We can put all of these steps together in a function to make it easier to test more images.

In [38]:
# Define a function that automates the process of loading, processing, and predicting the class of an image
def whats_for_lunch(image): 
    myimage = load_img(image, target_size = (224, 224))
    myimage = img_to_array(myimage)
    myimage = myimage.reshape((1, 224, 224, 3))
    myimage = preprocess_input(myimage)
    myresult = mymodel.predict(myimage)
    mylabel = decode_predictions(myresult)
    toplabel = mylabel[0][0]

    if toplabel[1] == 'pizza':
        sayit = "Amelia, a participant brought " + toplabel[1] + ", add it to the list!"
    else:
        sayit = "Amelia, this is an image of" + toplabel[1] + ", you can go back to work."

    myobj = gTTS(text = sayit)

    return mylabel, myobj

In [39]:
label, soundclip2 = whats_for_lunch('squash_test.jpg')
print(label)

soundclip2.save("prediction2.mp3")

[[('n02281787', 'lycaenid', 0.26136062), ('n03804744', 'nail', 0.11522047), ('n02277742', 'ringlet', 0.055332493), ('n07836838', 'chocolate_sauce', 0.051150553), ('n07684084', 'French_loaf', 0.034306075)]]


Amelia should test with non-pizza meals too to make sure her system is working. Let's try this burger!

![Photo of a hamburger](images/hamburger.jpg)

In [None]:
label, soundclip3 = whats_for_lunch('images/hamburger.jpg')
print(label)

soundclip3.save("prediction3.mp3")

It looks like Amelia's classifier is working well as it predicted that the image was a cheeseburger. 

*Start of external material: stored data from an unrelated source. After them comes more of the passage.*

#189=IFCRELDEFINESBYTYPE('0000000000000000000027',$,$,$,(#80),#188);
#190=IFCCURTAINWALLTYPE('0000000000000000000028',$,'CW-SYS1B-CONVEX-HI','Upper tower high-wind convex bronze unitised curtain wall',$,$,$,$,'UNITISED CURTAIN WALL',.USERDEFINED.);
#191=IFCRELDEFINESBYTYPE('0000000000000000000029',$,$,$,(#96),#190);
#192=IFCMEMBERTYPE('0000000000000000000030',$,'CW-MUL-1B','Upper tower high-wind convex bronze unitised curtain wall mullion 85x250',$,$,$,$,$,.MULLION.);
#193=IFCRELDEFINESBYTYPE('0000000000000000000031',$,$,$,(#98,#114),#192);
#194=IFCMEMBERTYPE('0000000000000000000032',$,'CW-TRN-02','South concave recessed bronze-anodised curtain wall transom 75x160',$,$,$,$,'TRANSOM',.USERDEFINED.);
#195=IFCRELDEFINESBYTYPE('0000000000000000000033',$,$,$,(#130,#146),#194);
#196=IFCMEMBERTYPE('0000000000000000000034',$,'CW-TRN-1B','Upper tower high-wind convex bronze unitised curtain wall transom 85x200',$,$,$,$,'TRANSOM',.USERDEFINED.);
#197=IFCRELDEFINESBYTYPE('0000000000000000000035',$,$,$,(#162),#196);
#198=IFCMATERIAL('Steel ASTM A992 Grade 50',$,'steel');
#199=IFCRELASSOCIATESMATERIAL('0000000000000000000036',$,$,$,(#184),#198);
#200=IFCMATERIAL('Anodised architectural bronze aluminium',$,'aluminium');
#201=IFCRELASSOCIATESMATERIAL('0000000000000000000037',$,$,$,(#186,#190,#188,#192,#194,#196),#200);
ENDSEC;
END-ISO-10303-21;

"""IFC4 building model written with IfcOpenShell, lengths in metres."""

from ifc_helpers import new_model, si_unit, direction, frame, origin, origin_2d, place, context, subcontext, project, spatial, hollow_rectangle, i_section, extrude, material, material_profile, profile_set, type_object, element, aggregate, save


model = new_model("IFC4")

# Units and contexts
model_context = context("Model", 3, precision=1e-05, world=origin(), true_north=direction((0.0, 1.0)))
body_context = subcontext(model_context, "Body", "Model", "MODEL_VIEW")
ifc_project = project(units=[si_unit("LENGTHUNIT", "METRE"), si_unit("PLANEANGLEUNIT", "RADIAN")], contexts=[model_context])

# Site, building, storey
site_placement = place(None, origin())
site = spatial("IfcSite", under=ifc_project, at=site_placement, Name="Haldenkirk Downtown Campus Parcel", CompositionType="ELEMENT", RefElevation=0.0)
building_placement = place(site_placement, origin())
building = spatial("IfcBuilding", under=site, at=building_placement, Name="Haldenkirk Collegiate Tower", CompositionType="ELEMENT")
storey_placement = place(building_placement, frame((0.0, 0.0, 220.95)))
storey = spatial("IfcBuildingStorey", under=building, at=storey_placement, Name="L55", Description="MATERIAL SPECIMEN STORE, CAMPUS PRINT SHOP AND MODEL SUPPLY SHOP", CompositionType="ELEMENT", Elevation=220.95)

But what about food that looks a bit like pizza, but isn't? How about this quiche? Does it fool the AI? Can you find images that trick Amelia's image recognition model?

![A photo of quiche](images/quiche.jpg)

In [None]:
label, soundclip4 = whats_for_lunch('images/quiche.jpg')
print(label)

soundclip4.save("prediction4.mp3")

# Bonus Exercises:

1. This lunch image recognizer seems to only recognize one kind of lunch... Pizza. Change the code to recognize each of the different kinds of food in ImageNet.
2. Change the code so that the lunch recognizer recognizes drinks, deserts and main items generally.
3. Change the code so that if the confidence of the model's prediction is less than 75, the code output says it's not sure what the image is.
4. Change the code so that each image that's loaded has it's label added to a list that is saved to a text file.